Studio album by Miles Davis
- Released: 1954
- Recorded: May 19, 1953 March 15, 1954
- Studio: WOR (New York); Beltone (New York);
- Genre: Jazz
- Length: 28:09
- Label: Prestige
- Producer: Bob Weinstock

Miles Davis chronology
| Miles Davis Volume 3 (1954) | Miles Davis Quartet (1954) | Miles Davis All Star Sextet (1954) |

= Miles Davis Quartet (album) =

Miles Davis Quartet (PRLP 161) is a 10 inch LP album by Miles Davis, released in 1954 by Prestige Records. The first four tracks that comprise Side 1 were recorded at New York's WOR Studios, on May 19, 1953. The last three, heard on Side 2, were recorded nearly a year later, at New York's Beltone Studios, on March 15, 1954.

The May 19, 1953, session features bassist and composer Charles Mingus on one track, playing piano. This was to be Davis' final studio session until he finally kicked his heroin habit for good nearly a year later.
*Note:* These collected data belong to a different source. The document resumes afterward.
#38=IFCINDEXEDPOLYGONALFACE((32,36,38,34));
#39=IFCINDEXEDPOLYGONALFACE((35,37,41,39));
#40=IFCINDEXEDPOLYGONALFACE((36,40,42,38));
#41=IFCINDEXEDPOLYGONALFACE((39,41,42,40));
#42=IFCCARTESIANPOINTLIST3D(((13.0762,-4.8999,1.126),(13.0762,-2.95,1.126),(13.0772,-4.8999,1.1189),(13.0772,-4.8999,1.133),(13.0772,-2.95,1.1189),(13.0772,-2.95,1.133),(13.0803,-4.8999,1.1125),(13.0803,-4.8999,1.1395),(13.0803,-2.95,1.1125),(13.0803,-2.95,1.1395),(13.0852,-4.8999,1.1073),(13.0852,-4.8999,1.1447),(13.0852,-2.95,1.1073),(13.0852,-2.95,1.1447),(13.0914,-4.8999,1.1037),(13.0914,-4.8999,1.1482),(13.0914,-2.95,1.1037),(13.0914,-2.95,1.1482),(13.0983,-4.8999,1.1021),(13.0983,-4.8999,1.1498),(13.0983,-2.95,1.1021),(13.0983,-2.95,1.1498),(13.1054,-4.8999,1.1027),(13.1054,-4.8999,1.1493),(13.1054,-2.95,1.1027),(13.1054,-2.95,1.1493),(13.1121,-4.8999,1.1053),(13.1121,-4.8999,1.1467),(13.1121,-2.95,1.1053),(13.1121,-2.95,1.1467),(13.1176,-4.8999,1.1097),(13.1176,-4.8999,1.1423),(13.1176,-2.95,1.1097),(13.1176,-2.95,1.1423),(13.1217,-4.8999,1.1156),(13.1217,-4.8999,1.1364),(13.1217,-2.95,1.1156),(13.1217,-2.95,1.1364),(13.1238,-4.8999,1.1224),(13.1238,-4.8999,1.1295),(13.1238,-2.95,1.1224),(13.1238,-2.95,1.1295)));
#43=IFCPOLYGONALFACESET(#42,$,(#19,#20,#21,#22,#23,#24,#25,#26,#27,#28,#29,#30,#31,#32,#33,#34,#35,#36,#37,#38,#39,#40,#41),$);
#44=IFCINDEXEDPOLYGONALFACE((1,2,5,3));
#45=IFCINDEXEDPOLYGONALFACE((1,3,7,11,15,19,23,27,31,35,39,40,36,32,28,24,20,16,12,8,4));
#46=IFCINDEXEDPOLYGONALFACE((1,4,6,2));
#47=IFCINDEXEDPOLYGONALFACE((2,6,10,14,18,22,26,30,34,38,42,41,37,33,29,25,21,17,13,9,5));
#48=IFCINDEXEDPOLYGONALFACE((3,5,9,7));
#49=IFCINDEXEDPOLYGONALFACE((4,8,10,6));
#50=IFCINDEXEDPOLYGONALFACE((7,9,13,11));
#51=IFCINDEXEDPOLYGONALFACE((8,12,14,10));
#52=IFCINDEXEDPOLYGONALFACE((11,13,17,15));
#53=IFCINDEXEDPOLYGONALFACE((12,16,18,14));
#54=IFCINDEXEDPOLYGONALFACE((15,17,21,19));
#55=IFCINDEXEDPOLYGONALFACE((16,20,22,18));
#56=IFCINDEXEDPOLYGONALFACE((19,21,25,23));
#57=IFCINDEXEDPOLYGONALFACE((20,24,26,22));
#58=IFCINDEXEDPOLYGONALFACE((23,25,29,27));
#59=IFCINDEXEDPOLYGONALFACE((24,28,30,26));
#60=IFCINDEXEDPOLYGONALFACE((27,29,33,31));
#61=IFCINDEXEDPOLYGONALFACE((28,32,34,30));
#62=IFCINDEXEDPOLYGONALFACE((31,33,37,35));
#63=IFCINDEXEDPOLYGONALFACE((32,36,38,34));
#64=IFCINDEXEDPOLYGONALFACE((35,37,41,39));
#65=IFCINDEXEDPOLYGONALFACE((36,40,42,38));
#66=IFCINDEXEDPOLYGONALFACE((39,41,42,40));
The March 15, 1954, session Davis was the second of two Davis recorded immediately after successfully quitting his heroin habit. He used exactly the same quartet he had also recorded with seven days earlier for his third Blue Note session, released as Miles Davis Volume 3 (BLP 5040). Davis says in his autobiography that he arranged the two sessions quickly after returning to New York, as he needed money fast, and both Blue Note's Alfred Lion and Prestige's Bob Weinstock had given him a fair chance earlier when his reputation was in decline. This was the beginning of a new three-year contract with Prestige, which Davis would still be committed to when he signed a better deal with Columbia at the end of 1955.

After the 10" LP format was discontinued, the seven tracks were all included on the 12" album Blue Haze (PRLP 7054).
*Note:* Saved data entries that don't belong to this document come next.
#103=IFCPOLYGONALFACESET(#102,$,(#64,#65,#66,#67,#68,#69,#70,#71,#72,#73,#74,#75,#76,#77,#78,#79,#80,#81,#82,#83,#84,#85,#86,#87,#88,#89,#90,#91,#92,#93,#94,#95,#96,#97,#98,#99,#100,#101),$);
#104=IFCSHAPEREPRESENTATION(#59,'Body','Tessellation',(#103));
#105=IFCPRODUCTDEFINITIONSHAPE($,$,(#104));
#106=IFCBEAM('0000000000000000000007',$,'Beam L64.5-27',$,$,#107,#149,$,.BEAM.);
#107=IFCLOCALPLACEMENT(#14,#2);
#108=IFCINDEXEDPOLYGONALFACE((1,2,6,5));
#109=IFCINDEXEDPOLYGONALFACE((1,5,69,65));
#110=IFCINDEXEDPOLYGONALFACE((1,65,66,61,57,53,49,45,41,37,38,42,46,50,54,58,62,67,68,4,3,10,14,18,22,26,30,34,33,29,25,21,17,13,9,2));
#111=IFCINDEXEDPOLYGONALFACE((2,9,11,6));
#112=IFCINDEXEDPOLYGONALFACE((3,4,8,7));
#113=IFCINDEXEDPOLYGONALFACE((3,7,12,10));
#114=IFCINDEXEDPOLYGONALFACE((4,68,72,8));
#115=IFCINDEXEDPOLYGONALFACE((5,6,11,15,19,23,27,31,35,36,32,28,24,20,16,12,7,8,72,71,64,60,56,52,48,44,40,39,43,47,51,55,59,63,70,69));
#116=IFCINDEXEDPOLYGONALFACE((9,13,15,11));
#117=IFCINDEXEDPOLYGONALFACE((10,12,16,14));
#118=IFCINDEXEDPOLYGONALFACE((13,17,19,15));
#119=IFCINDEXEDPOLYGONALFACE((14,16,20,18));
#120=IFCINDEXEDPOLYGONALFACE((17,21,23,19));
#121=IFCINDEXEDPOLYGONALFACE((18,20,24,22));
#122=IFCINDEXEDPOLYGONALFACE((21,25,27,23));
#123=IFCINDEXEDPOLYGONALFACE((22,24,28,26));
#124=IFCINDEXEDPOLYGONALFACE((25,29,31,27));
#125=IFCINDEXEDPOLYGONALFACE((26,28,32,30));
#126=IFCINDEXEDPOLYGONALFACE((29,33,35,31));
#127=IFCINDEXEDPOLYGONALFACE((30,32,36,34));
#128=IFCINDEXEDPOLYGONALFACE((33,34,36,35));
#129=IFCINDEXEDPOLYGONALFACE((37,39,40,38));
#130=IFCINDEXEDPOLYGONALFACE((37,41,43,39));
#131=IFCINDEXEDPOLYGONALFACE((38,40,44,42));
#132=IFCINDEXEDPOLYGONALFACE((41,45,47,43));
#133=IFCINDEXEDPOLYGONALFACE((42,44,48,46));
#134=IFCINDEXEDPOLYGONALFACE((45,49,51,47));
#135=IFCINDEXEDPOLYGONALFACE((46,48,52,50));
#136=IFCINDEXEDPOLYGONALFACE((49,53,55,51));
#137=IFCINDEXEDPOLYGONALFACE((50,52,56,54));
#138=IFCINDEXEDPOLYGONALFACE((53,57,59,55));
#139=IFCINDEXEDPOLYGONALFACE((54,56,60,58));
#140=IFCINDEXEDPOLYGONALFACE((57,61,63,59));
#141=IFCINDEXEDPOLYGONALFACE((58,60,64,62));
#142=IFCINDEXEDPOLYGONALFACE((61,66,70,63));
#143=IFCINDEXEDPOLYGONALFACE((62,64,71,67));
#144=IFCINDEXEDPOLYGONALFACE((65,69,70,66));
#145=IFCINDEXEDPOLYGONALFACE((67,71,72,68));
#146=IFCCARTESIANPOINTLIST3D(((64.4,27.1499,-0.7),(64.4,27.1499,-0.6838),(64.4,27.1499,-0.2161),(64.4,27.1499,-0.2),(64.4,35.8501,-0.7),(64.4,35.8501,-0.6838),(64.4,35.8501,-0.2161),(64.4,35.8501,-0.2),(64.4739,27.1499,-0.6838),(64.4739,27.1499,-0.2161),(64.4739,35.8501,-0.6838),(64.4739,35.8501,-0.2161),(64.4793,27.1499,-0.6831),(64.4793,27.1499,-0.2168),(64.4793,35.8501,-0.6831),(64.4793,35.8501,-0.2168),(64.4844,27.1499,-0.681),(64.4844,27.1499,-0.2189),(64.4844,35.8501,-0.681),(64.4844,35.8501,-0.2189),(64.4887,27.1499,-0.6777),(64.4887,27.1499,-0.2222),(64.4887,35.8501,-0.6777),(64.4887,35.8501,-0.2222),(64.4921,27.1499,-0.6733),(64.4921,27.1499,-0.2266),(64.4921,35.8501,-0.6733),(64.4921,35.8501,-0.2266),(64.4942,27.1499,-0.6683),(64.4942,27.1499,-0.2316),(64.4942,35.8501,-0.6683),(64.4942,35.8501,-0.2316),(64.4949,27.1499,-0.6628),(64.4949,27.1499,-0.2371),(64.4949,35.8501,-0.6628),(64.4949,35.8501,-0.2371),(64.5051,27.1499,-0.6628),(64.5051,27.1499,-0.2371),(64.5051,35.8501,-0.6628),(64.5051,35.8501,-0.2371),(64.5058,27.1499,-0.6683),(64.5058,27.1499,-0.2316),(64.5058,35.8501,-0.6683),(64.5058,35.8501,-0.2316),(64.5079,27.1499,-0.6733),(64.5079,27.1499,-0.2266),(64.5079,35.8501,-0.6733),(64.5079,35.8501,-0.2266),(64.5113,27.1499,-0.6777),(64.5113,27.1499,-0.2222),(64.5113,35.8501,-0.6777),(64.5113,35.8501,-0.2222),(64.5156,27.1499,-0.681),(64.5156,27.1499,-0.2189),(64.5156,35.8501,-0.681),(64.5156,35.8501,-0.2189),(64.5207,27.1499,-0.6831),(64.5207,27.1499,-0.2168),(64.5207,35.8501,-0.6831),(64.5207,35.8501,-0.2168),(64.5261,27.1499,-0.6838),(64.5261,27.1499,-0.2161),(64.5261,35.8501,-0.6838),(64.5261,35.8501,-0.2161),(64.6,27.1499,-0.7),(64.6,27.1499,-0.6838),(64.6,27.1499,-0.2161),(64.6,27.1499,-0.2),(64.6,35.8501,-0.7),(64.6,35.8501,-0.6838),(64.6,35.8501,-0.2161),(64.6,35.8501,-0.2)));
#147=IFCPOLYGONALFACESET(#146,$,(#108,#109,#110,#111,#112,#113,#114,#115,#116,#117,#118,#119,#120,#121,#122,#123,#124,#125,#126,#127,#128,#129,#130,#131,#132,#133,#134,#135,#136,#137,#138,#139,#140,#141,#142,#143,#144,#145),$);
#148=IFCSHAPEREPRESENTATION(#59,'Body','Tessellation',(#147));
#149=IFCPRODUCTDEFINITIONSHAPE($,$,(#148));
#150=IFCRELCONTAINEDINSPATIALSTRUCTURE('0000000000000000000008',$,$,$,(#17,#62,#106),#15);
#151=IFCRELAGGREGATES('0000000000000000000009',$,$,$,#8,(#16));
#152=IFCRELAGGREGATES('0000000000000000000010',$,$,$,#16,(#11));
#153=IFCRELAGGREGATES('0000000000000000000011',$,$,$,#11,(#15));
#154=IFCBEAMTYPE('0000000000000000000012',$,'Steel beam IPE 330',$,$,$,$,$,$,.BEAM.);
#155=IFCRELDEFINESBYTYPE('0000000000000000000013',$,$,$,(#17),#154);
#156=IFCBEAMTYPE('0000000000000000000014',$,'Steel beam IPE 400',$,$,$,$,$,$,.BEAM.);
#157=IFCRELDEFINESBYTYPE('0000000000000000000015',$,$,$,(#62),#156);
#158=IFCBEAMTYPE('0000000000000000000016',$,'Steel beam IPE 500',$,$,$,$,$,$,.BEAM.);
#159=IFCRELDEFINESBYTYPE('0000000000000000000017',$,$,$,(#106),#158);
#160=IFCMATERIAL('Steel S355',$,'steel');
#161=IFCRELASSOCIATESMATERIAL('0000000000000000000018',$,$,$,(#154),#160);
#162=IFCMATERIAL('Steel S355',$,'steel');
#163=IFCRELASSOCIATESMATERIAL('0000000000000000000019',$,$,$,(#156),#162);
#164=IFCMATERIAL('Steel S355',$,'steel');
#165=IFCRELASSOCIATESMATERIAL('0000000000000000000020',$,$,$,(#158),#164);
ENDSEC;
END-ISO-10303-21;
A vinyl reissue of the album in ten inch format was released for Record Store Day Black Friday, November 25, 2011.

==Track listing==

Side one
| No. | Title | Writer(s) | Length |
|---|---|---|---|
| 1. | "When Lights Are Low" | Benny Carter, Spencer Williams | 3:24 |
| 2. | "Tune Up" | Miles Davis | 3:51 |
| 3. | "Miles Ahead" | Miles Davis | 4:26 |
| 4. | "Smooch" | Miles Davis, Charles Mingus | 3:03 |

Side two
| No. | Title | Writer(s) | Length |
|---|---|---|---|
| 1. | "Four" | Miles Davis | 3:59 |
| 2. | "Old Devil Moon" | Burton Lane, E.Y. Harburg | 3:21 |
| 3. | "Blue Haze" | Miles Davis | 6:05 |
| Total length: |  |  | 28:09 |

==Personnel==
- Miles Davis – trumpet
- John Lewis – piano (Side one, 1–3)
- Charles Mingus – piano (Side one, 4)
- Horace Silver – piano (Side two)
- Percy Heath – bass
- Max Roach – drums (Side one)
- Art Blakey – drums (Side two)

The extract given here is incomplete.